マニュアルの表紙・目次を作成する際の注意点
見やすいマニュアルのデザインについて説明しましたが、マニュアルの表紙と目次を作成する際には、特に注意すべき点があります。これからマニュアルをデザインする際は、表紙や目次にも十分気を配りましょう。
1. マニュアル表紙のデザインの注意点
表紙はどのような書類においても、その書類の顔となります。つまり、表紙を手に取っただけで、何のマニュアルであるか、内容がわかる必要があります。マニュアルの表紙は「分かりやすさ」を重視するべきであり、デザインが優れているかどうかよりも、マニュアルの内容を的確に表現しているかが重要です。

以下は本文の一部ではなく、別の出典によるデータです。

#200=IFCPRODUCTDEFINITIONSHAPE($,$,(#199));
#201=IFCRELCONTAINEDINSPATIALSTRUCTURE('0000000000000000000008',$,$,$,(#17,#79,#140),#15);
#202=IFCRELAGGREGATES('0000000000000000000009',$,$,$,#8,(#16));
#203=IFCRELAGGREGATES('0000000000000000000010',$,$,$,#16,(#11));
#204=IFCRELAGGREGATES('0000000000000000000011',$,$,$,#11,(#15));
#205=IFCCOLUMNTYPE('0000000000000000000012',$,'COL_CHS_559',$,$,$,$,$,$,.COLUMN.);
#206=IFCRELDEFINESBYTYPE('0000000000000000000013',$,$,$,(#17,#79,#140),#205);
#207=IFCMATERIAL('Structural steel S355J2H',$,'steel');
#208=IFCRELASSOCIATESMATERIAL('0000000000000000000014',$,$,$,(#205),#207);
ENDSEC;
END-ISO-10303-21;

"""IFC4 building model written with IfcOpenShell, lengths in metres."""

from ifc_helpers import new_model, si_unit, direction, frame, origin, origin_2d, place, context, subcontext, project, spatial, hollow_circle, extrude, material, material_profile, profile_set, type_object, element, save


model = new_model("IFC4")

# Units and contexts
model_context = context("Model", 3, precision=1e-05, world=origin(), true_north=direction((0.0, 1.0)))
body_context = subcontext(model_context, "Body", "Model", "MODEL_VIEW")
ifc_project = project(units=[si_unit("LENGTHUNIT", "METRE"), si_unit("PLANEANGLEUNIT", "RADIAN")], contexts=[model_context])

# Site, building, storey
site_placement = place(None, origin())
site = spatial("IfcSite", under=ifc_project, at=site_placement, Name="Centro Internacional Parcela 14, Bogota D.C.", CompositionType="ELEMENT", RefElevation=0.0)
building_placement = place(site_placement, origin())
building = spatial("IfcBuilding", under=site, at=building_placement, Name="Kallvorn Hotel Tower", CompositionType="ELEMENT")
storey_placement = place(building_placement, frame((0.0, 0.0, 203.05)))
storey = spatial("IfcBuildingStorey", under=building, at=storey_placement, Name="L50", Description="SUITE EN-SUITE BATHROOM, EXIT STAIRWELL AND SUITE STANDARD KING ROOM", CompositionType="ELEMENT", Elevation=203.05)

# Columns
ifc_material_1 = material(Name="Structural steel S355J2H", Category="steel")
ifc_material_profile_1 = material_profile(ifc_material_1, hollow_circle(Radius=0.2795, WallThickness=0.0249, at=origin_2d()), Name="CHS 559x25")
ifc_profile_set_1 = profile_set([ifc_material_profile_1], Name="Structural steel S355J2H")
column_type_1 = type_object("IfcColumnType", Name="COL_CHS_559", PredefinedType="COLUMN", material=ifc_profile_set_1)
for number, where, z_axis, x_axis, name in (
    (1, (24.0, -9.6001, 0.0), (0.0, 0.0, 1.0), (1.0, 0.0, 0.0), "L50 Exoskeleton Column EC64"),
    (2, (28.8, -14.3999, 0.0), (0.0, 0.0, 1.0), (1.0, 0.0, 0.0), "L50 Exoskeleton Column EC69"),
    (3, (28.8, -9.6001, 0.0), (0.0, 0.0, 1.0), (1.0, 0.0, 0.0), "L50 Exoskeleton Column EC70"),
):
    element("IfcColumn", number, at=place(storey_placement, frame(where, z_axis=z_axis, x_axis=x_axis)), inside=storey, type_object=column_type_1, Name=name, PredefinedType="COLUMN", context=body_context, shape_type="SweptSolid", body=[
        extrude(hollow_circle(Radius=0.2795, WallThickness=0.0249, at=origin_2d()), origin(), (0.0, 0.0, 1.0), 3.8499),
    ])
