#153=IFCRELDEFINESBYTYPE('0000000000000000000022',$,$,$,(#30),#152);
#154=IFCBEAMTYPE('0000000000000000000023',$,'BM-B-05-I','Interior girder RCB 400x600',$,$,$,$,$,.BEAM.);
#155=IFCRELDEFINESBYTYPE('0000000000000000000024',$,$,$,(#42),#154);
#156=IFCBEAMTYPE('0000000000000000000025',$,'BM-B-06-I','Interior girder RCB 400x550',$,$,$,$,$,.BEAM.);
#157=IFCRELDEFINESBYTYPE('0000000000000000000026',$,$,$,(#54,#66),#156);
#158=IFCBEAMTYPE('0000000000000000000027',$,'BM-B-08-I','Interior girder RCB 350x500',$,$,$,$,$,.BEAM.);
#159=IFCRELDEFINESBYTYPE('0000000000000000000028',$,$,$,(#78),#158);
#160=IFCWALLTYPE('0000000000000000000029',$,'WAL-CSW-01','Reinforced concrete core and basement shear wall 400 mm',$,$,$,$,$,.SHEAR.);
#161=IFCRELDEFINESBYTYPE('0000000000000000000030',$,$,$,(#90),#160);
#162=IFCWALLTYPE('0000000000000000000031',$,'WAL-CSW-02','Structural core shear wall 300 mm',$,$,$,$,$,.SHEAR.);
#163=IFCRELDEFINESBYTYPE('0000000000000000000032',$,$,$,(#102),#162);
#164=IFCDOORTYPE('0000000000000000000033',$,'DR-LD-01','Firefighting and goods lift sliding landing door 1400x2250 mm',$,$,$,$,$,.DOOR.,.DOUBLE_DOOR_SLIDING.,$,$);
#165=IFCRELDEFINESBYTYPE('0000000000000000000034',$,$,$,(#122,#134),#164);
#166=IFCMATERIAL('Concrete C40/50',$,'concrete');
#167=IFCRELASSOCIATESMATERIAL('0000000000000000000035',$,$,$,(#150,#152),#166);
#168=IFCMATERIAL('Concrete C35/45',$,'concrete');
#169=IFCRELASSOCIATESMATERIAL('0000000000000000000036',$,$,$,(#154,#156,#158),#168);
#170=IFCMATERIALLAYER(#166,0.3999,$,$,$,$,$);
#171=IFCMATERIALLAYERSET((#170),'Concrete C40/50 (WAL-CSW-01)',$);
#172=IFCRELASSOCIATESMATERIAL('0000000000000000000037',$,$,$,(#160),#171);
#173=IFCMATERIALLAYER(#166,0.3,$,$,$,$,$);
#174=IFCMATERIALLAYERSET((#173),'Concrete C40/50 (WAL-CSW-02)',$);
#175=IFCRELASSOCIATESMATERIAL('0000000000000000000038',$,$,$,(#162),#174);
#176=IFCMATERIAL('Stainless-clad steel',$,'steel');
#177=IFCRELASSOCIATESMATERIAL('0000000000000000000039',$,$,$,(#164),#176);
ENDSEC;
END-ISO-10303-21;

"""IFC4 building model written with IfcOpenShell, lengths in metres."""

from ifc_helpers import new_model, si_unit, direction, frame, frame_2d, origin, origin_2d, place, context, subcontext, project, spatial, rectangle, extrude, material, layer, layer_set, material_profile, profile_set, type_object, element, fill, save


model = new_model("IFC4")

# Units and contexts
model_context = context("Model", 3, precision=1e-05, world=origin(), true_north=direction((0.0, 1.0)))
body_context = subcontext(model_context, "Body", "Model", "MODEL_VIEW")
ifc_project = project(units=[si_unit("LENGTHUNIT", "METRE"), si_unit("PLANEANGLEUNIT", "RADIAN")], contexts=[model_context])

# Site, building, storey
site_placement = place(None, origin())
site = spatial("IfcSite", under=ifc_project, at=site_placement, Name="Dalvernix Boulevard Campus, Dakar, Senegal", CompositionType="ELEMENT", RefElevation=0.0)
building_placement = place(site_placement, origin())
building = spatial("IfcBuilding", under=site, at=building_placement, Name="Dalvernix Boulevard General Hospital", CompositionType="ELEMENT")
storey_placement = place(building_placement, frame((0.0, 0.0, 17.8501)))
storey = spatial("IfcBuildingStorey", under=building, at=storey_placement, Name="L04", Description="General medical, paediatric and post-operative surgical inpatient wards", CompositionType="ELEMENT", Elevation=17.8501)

そのため、使用する画像や図がない場合、無理にデザインを施そうとせず、文字のみでも問題ありません。また、会社によってはマニュアル表紙のデザインが既に決められている場合もあるため、事前に確認が必要です。
2. マニュアル目次のデザインの注意点
目次はあまり重視されないことが多いですが、実際にはマニュアル全体の骨組みとして非常に重要です。骨組みがしっかりしていない建物が不安定であるのと同じように、マニュアル作成においても本文ではなく、まず目次から作り始めることをお勧めします。
目次の項目は、マニュアル全体の流れがわかり、読みたい項目がどこにあるのかがすぐにわかるよう工夫しましょう。
(修正前の目次例)
- システム初期登録
- 受注業務
- 在庫管理
このような目次では、項目が大まかすぎて、希望の項目をすぐに見つけることが難しくなります。マニュアルを初めて読む人や、業務中に困った時に参照する人の立場に立って、目次の項目を考えましょう。
(修正後の目次例)
- システム初期登録
1.1 IDと初期パスワードを受け取る
1.2 パスワードの変更
1.3 必要事項の入力 - 受注業務
2.1 受注システムの立ち上げ
2.2 受注の登録
2.3 複数の受注を登録する
このように修正された目次であれば、必要な項目がすぐに見つけられるでしょう。マニュアルの目次は、大まかすぎず、細かすぎないバランスを大切にすることが重要です。
デザインにこだわりすぎもNG!
マニュアルは「見やすい・分かりやすい」ものであることが最も重要です。そのため、奇抜なデザインや芸術的なデザインを追求する必要はありません。
マニュアルデザインはフォーマット化して使える
マニュアルに独創性は必要ありません。優れたマニュアルデザインやフォーマットがあるなら、それを積極的に活用しましょう。現在では、インターネット上で無料のマニュアルフォーマットが配布されていることもありますし、自分で一度作成したマニュアルをフォーマット化するのもお勧めです。
一度使いやすく応用しやすいフォーマットを手に入れれば、そのフォーマットを他のマニュアルにも使用することで、マニュアル全体のスタイルが統一されます。フォーマットが統一されているマニュアルは、読む側にも理解しやすいものになるでしょう。
シンプルなデザインこそ伝わりやすい
シンプルなデザインは読みやすく、フォーマット化しやすいデザインと言えます。そのため、マニュアル作成時にはなるべくシンプルなものを意識すると良いでしょう。自分が気に入ったデザインよりも、マニュアルの読みやすさを優先すれば、自然にシンプルな仕上がりになるはずです。
まとめ
マニュアルのデザインを作成する際に知っておくべきポイントや注意事項を紹介しました。一般的に、マニュアルは多くの人が長期間使用し続けるものです。シンプルで読みやすいデザインを考える際には、常に「読む側に立って」客観的な視点でマニュアルを作成するよう心掛けましょう。